PRESIDENT Clinton's decision to end the link between China's most-favored-nation trading status and human rights is viewed by many as signaling a fundamental shift of policy. Having opted for trade, say critics, does the United States have any further leverage on how China treats its peoples - or on issues of rights in any other country? Is this the end of human rights on the US diplomacy agenda?
The president faced an agonizing choice. To keep campaign promises and satisfy key Democrats in Congress, he issued the executive order linking MFN to human rights. Decision time came on the anniversary of the Tiananmen Square massacre; he could not escape public recollection of that event. The Chinese leadership, by continuing to arrest dissidents, did little to help; few experts expected it would. US business representatives, keen to continue MFN, said human rights was a political matter, not their affair. Other countries, including allies, were of little help. Inevitably, US critics would picture Mr. Clinton's decision as trading dollars for lives.

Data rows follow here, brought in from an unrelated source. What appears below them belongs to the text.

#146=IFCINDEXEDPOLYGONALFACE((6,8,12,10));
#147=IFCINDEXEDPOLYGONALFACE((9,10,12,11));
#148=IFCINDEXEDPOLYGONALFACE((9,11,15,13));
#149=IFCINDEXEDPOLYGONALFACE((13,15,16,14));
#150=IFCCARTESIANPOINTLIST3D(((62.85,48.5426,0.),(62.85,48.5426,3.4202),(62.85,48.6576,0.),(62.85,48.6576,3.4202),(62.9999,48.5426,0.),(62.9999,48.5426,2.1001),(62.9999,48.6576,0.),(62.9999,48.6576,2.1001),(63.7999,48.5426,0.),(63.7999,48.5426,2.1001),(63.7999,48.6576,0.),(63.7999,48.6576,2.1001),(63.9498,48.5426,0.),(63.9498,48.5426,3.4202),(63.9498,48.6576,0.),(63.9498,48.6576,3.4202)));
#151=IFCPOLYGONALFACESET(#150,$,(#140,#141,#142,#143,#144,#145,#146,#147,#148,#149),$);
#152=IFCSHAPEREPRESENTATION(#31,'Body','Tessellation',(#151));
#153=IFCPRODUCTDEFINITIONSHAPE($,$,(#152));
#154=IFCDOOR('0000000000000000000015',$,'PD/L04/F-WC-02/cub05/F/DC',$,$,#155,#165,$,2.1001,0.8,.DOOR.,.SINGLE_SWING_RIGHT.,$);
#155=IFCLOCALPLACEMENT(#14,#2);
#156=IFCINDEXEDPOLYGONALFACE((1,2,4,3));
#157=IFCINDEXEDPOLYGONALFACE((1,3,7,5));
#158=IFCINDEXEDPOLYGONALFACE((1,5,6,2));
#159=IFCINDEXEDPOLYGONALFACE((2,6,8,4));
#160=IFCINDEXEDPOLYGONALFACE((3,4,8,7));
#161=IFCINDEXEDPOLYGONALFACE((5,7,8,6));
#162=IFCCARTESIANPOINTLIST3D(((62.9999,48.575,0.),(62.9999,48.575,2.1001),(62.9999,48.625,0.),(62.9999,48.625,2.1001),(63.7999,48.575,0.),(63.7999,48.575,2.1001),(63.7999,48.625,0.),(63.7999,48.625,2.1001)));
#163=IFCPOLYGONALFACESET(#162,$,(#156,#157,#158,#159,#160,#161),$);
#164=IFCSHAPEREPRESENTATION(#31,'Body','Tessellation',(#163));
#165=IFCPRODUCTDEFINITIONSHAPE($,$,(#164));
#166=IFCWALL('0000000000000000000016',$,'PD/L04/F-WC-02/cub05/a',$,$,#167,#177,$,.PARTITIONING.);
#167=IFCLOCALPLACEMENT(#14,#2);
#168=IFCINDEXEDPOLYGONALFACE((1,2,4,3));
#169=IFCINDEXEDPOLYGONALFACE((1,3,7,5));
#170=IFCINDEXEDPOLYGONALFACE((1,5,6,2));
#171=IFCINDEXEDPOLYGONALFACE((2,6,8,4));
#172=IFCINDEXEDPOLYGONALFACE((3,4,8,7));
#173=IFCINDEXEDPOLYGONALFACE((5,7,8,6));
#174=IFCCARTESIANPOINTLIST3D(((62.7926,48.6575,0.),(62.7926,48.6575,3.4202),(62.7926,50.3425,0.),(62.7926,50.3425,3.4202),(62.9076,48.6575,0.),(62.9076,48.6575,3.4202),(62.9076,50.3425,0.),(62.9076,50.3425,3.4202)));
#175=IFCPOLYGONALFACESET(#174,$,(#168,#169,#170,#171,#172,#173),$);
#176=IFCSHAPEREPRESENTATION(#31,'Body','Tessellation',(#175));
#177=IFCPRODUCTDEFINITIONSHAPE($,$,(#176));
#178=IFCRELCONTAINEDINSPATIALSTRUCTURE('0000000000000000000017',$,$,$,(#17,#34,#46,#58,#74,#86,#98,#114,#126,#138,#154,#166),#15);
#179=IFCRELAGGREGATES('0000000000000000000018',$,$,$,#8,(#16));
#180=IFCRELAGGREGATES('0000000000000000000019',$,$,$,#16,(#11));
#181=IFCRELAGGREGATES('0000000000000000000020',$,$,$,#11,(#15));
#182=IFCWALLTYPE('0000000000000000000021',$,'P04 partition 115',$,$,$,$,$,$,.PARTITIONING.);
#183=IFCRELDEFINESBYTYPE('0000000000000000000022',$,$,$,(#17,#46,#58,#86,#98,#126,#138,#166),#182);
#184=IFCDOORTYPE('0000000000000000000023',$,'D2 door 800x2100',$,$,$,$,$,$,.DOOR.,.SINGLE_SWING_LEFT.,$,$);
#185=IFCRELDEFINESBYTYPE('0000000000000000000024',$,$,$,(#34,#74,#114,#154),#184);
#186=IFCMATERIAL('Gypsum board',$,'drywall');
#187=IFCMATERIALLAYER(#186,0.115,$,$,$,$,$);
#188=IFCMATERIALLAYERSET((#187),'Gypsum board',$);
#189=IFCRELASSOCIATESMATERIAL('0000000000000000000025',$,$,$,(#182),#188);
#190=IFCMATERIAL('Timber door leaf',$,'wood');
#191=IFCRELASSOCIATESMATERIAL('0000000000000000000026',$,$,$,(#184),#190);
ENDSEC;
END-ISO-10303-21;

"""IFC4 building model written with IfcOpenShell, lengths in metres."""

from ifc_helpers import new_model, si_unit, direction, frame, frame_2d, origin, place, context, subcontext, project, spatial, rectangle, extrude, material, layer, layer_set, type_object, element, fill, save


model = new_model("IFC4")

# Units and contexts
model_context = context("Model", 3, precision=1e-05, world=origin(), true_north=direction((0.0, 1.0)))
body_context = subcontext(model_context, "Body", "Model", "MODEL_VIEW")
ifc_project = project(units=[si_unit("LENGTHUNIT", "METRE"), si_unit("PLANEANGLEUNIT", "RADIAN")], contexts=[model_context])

Those opposing the president's decision paid little attention to the broader diplomatic considerations. Further, many critics doubted that the Chinese would be any more amenable to pressures on key issues if MFN were continued. At stake for the US was the hope of Chinese cooperation in containing North Korean nuclear ambitions. Beyond that, with their veto on the Security Council, the Chinese could, if provoked, frustrate US designs in other regions. Inescapably, however, requests for Chinese help in pressuring other sovereign nations are likely to founder on Beijing's reluctance to set precedents that the leadership fears might be used against it.
From the beginning of this administration, the possibility of Clinton's pressing the Chinese on rights was dim. The men who run China fear internal disorder more than they do any US punishment.

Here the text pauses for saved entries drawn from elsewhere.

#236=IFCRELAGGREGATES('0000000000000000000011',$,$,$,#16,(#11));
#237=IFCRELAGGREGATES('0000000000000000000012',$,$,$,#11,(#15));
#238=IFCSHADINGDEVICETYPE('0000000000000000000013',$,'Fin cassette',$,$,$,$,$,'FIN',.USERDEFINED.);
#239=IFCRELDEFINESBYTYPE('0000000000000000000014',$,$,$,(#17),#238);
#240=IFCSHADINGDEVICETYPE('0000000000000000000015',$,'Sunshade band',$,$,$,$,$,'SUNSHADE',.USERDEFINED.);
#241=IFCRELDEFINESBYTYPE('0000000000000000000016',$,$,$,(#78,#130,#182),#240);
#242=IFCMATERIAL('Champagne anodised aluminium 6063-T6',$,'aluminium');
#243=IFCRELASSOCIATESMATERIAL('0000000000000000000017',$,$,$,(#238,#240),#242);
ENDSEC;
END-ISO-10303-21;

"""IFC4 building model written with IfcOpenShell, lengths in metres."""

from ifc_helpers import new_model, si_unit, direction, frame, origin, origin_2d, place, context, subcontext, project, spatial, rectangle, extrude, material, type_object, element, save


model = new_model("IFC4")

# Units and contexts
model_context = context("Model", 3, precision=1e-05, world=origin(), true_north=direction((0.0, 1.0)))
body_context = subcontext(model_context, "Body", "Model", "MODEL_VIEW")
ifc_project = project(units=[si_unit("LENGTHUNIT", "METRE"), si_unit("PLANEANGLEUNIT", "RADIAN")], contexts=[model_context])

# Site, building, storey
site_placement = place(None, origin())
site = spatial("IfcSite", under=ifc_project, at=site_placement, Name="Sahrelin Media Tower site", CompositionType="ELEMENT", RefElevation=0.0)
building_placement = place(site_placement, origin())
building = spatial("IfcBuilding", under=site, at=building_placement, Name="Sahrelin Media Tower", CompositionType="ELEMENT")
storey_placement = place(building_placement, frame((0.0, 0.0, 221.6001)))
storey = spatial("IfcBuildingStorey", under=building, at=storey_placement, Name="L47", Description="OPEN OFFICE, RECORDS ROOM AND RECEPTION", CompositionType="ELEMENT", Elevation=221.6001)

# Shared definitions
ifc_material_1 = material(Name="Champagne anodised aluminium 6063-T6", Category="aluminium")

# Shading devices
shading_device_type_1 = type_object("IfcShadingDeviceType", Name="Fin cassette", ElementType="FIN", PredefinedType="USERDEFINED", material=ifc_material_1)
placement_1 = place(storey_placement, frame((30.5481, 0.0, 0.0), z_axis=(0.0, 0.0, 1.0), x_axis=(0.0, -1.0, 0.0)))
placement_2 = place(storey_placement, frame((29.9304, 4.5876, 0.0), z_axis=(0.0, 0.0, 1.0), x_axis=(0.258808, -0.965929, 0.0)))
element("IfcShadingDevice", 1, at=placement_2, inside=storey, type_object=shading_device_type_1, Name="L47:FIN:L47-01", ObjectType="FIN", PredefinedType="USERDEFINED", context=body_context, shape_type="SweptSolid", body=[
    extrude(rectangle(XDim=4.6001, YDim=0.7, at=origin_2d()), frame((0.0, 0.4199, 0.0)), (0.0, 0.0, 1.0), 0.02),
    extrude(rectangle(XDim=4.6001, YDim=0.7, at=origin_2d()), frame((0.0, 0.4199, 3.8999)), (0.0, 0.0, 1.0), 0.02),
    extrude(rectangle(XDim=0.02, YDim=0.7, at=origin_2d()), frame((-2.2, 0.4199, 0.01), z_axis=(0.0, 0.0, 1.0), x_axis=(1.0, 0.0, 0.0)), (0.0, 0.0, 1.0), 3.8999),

The president, in a no-win situation, is not the first in the White House to face such a choice. President Nixon and his national security adviser, Henry Kissinger, placed cold-war security concerns ahead of human rights in friendly third-world countries. The result was a congressional revolt that, through legislation, mandated that human rights be considered in US diplomacy. President Carter, despite his strong support for human rights, made choices that favored authoritarian regimes in Iran and the Philippines. President Reagan wanted to reduce the emphasis on how other non-communist governments treated populations. Whatever the inclination of an administration, concern remains strong that the US not be identified with repressive regimes and that it, where possible, exert influence for change.

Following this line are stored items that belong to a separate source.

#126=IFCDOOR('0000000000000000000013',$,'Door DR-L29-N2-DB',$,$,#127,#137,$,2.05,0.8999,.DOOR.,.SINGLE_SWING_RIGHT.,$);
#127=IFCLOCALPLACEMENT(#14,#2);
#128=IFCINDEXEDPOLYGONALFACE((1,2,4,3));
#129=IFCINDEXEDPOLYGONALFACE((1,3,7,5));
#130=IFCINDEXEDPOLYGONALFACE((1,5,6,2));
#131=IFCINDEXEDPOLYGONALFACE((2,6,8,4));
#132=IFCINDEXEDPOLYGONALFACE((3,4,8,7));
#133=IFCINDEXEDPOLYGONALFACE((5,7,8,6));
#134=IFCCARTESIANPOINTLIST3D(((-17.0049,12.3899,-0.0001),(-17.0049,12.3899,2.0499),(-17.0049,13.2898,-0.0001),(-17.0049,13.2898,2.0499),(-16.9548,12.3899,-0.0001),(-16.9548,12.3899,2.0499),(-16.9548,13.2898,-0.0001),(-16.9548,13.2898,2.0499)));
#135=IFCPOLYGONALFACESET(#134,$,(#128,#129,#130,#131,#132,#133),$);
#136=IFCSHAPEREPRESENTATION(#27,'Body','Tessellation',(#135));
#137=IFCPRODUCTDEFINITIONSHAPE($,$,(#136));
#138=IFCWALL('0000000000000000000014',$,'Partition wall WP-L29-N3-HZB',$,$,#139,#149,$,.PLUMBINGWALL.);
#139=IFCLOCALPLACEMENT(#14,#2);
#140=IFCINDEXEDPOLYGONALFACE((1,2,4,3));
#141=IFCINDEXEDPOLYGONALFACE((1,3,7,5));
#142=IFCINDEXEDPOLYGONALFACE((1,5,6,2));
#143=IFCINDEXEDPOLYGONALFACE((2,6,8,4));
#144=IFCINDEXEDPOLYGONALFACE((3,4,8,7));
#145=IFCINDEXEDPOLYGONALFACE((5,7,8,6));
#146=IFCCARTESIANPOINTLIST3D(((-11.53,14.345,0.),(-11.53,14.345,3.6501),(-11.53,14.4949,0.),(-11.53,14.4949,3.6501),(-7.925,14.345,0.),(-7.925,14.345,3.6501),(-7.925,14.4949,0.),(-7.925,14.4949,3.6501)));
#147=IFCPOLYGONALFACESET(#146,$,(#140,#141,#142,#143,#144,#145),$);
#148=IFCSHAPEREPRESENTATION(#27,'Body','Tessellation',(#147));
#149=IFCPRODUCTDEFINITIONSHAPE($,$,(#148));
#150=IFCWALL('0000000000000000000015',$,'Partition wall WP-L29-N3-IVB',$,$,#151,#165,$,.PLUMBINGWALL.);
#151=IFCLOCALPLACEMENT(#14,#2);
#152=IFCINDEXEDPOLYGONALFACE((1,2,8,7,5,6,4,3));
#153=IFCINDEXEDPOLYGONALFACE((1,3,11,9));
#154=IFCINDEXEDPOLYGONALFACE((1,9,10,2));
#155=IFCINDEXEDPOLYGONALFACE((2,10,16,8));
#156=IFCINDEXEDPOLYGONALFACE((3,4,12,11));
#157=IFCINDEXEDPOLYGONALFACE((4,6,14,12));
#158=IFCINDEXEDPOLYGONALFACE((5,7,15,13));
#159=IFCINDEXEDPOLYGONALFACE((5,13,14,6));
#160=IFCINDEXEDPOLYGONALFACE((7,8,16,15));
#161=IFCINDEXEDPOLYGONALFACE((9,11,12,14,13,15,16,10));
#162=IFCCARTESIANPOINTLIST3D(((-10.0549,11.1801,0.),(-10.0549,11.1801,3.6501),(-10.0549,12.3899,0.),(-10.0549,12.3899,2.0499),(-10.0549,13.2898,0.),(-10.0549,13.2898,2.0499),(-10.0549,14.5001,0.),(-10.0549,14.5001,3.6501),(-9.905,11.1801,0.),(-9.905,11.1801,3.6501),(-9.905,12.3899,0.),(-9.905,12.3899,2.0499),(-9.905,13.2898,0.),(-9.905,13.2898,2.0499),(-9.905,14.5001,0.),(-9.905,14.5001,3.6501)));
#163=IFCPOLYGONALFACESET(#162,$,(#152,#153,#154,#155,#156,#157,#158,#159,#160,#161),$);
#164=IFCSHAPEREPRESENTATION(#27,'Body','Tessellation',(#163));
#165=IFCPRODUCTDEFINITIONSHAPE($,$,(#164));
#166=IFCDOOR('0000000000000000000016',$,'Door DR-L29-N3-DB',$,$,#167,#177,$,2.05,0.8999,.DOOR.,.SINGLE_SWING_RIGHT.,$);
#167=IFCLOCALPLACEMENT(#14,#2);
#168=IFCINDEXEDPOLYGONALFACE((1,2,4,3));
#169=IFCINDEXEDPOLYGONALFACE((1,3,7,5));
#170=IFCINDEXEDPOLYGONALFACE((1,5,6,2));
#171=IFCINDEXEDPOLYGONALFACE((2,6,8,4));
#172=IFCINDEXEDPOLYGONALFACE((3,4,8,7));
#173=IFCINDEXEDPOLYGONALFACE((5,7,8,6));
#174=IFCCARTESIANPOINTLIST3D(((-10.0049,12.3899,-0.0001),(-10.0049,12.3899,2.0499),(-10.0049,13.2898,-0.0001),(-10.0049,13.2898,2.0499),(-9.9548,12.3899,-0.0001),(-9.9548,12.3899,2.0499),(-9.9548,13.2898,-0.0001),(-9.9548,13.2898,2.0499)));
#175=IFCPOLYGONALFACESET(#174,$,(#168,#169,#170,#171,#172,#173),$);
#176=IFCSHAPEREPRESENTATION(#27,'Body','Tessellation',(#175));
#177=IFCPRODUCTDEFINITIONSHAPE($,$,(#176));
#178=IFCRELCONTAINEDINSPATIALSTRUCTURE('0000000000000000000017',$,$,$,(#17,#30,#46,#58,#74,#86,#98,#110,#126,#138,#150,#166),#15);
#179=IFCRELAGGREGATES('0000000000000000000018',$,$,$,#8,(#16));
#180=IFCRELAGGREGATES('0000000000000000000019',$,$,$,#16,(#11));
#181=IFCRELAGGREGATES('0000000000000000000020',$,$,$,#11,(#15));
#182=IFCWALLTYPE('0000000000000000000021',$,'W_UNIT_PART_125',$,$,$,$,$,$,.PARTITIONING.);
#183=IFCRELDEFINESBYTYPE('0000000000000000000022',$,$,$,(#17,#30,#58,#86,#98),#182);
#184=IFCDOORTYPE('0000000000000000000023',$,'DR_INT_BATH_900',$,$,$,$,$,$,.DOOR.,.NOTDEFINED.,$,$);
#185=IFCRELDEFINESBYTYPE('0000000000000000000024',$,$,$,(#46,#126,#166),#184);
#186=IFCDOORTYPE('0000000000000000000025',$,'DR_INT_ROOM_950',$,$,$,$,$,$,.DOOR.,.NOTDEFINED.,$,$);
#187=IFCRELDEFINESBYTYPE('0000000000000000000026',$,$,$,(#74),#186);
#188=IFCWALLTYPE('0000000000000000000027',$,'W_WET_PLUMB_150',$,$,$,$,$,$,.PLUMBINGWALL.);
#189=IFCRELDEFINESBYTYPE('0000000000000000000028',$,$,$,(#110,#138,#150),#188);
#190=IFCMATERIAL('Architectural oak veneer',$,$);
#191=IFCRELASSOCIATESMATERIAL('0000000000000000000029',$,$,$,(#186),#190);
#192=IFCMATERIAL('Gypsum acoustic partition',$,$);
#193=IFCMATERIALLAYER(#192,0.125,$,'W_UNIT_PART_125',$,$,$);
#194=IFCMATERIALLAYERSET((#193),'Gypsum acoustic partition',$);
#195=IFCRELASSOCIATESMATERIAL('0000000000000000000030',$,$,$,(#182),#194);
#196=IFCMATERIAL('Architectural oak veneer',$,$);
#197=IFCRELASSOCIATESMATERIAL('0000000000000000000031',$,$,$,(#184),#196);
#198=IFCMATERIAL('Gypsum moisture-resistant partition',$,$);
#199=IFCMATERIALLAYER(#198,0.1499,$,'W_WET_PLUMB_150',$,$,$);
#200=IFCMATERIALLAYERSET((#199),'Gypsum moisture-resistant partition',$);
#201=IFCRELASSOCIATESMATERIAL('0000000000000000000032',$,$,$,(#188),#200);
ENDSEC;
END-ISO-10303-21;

That Clinton delinked MFN and human rights does not mean that he has abandoned the cause. He cannot. Congressional and public pressures remain. Nor can US businesses working in China assume that the decision means they no longer will be observed closely for their treatment of Chinese workers. The move to enforce some type of employment standard, similar to the Sullivan principles applied in South Africa, will continue, whatever the Chinese attitude. Private groups such as Asia Watch will continue to monitor conditions and make their reports to policymakers. The legislative tools remain in force, including mandates that consideration be given to human rights in the extension of export credits and, above all, that the State Department issue annual reports on human rights conditions around the world, including China's. This requirement, in particular, is a strong instrument; checked as they are by many observers, the reports must present an honest picture. Beijing may strongly object to what it sees as an intrusion into China's internal affairs, but such objections traditionally have had little effect on the reports.
Clinton made a difficult but perhaps inescapable choice in separating trade and rights issues. Yet the question of how Beijing treats those who desire greater freedom and democracy will remain on the agenda of US-Chinese relations.